Remember, political collapse of the social contract that supports hunting does not require a majority of Americans to become anti-hunters: collapse only requires that they stop caring – stop seeing value in the hunters’ presence in society.

Only by earning the respect of non-hunters by showing ourselves as champions of values shared by non-hunters can we avoid the social oblivion of indifference.
And non-hunters have made crystal clear the one value they expect from hunters above all other values.  They expect hunters to show respect for the wild animals we hunt. Poll after poll pops this value to the top of the chart.

Hunters displaying contempt for an animal like the wolf, which is valued by the larger society, can expect only an accumulation of contempt in return.

To its credit the Boone and Crockett Club continues to emphasize the importance of keeping the respect of the non-hunting public. Among the 10 points of the Club’s Code of Ethics is the pledge: To do my part in upholding a positive public image of hunters and hunting.’

Jack Ward Thomas, in an article titled “A Hunting Ethic” published in the spring edition of FAIR CHASE, the B&C Club magazine, cites four ‘filters’ or tests to establish a standard of fair chase. Prominent among these, he says, is “The action does not facilitate negative criticism toward hunting in general from those who do not hunt.”

Contempt breeds contempt; respect earns respect. Hunters who sneer at the values of non-hunters are pulling all hunters down the social rope toward the noose now tightening around the neck of trappers.
  ~~ Ron Moody

2 comments:

  1. I don't think it's possible to comply with the ethical desires of some non hunters.
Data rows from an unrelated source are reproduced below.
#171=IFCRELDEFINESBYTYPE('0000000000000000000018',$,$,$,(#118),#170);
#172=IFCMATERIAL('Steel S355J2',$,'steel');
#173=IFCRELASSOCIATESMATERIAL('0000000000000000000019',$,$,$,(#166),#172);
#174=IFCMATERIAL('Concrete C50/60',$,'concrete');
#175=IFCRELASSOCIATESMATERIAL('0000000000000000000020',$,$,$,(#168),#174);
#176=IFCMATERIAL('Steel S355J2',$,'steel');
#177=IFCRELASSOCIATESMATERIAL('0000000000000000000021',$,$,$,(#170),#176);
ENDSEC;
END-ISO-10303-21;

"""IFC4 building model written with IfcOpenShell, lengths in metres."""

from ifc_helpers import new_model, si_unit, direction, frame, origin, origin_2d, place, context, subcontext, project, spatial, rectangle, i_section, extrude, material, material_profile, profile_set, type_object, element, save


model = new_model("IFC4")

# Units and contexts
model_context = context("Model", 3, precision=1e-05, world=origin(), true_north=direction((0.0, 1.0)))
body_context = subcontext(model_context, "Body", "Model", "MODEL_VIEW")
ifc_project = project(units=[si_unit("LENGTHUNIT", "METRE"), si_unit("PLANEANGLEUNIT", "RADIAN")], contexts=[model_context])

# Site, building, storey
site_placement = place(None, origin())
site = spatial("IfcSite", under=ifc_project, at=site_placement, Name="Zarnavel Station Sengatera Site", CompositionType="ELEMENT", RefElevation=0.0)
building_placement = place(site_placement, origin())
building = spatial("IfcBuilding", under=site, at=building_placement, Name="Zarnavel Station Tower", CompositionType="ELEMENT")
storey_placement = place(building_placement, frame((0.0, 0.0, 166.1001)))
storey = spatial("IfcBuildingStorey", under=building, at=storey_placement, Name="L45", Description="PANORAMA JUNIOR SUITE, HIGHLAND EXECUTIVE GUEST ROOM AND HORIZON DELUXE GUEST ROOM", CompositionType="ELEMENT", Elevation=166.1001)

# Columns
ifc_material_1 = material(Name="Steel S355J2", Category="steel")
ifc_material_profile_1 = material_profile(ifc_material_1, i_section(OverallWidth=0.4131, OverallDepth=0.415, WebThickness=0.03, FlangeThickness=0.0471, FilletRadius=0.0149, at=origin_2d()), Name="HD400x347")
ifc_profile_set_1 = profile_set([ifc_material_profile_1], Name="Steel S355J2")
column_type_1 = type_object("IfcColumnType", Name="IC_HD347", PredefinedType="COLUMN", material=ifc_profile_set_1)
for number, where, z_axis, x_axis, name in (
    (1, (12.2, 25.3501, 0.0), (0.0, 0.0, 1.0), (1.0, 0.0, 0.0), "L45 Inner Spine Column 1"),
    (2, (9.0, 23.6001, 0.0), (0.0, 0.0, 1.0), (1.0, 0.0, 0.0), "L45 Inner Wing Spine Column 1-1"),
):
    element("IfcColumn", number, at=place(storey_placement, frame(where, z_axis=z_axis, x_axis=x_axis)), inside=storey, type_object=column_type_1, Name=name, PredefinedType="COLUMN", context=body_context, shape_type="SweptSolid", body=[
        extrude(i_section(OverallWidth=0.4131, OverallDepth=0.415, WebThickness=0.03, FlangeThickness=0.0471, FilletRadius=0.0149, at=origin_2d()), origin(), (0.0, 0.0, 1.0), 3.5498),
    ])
Many non hunters and some hunters believe it is absolutely wrong to hunt any carnivore, especially wolves. How can hunters champion a value that doesn't allow the hunting of lions, wolves, coyotes, or black bears as the way to manage populations?
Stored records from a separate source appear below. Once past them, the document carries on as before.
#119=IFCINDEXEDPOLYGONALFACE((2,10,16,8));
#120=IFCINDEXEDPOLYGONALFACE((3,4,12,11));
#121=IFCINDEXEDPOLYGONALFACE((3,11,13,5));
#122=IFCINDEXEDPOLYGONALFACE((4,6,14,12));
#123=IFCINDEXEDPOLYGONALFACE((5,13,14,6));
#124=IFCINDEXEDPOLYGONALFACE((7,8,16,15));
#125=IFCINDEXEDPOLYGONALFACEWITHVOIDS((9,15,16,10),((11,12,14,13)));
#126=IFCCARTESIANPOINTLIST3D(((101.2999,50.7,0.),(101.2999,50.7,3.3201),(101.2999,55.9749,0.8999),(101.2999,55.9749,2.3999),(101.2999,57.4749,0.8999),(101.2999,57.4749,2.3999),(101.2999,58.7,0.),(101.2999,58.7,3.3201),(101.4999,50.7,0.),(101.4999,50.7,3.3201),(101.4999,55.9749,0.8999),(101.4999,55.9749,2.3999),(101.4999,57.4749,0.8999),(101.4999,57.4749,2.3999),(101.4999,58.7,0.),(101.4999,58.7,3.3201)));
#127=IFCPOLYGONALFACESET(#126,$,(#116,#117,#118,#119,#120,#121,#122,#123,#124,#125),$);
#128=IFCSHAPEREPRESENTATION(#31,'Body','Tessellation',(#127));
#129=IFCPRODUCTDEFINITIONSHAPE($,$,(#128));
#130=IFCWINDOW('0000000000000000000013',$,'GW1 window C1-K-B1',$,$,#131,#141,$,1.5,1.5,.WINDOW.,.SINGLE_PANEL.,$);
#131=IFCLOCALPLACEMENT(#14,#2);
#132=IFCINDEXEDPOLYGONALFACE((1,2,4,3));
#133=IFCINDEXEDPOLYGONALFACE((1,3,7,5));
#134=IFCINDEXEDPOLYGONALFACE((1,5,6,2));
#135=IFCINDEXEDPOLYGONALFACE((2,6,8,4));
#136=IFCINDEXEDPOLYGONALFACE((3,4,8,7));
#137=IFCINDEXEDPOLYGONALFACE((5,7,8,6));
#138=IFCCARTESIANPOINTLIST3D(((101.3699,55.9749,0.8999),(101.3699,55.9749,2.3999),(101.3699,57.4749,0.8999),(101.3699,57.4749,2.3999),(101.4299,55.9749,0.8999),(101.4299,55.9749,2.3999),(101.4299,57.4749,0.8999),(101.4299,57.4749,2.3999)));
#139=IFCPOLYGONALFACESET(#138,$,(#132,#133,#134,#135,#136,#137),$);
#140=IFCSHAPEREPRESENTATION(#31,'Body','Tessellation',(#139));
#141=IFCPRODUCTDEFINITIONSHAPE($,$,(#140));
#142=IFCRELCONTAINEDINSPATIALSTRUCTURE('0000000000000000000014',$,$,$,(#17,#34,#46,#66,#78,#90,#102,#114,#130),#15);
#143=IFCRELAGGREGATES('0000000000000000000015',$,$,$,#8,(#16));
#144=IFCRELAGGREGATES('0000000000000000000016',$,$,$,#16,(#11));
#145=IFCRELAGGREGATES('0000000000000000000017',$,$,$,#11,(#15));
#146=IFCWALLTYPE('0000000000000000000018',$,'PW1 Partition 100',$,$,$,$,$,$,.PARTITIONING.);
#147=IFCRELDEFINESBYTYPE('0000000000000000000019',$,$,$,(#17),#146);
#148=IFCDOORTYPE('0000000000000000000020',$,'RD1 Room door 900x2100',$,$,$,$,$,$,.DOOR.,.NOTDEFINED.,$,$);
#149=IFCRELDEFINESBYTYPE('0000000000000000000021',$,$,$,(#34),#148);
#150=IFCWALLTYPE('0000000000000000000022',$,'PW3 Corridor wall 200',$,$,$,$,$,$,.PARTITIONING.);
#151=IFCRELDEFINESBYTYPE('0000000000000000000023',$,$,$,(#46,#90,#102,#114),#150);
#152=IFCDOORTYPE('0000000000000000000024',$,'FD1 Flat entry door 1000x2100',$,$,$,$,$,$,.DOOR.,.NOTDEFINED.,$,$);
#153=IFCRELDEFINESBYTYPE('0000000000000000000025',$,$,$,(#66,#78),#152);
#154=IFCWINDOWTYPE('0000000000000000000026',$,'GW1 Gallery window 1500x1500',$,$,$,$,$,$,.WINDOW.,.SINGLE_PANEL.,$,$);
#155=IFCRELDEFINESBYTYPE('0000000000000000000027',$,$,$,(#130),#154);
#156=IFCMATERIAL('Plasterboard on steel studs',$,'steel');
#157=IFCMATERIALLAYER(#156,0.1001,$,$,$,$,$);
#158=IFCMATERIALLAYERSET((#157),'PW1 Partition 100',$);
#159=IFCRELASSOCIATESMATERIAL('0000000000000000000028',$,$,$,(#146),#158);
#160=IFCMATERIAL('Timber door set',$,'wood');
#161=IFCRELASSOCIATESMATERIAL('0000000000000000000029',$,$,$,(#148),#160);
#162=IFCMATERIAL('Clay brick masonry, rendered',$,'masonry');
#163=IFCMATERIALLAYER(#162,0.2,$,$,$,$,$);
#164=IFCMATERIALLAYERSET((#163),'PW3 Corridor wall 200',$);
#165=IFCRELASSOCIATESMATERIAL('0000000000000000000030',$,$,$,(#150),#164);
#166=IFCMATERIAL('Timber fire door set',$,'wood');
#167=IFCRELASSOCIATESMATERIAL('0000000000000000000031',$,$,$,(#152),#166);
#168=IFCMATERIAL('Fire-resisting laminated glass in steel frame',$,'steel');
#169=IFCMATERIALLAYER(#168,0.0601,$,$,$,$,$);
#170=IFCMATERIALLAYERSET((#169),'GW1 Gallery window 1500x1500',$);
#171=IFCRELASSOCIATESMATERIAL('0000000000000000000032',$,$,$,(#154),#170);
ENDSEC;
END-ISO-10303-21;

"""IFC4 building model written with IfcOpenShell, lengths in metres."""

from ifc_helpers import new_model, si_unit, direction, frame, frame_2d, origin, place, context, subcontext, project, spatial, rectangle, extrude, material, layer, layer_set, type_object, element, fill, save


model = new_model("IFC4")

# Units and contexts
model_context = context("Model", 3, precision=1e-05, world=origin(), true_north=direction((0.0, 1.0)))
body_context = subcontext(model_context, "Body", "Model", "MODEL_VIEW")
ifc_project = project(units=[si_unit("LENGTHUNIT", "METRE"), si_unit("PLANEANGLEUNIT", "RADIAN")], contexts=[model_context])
    Aldo Leopold said something to the extent that lack of any predator management and total extermination are both biologically unsound.

    No matter how ethically one hunts, hunting of predators will be looked upon as wrong. Where I live trapping is over. California does not allow hunting of cougar. What will happen with wolves when they become abundant in states with large urban anti predator hunting (especially wolves) populations?

    Any mouse

    ReplyDelete
  2. Rather than go along with the urban hunter that fails to see the destruction caused by the wolf perhaps a massive program to combat all the misinformation about wolves should be undertaken. I have always subscribed to the view that the truth will overcome but we need to get the honest truth about wolves out there rather than continue to destroy 100 years of responsible game management seeking the approval of uninformed individuals.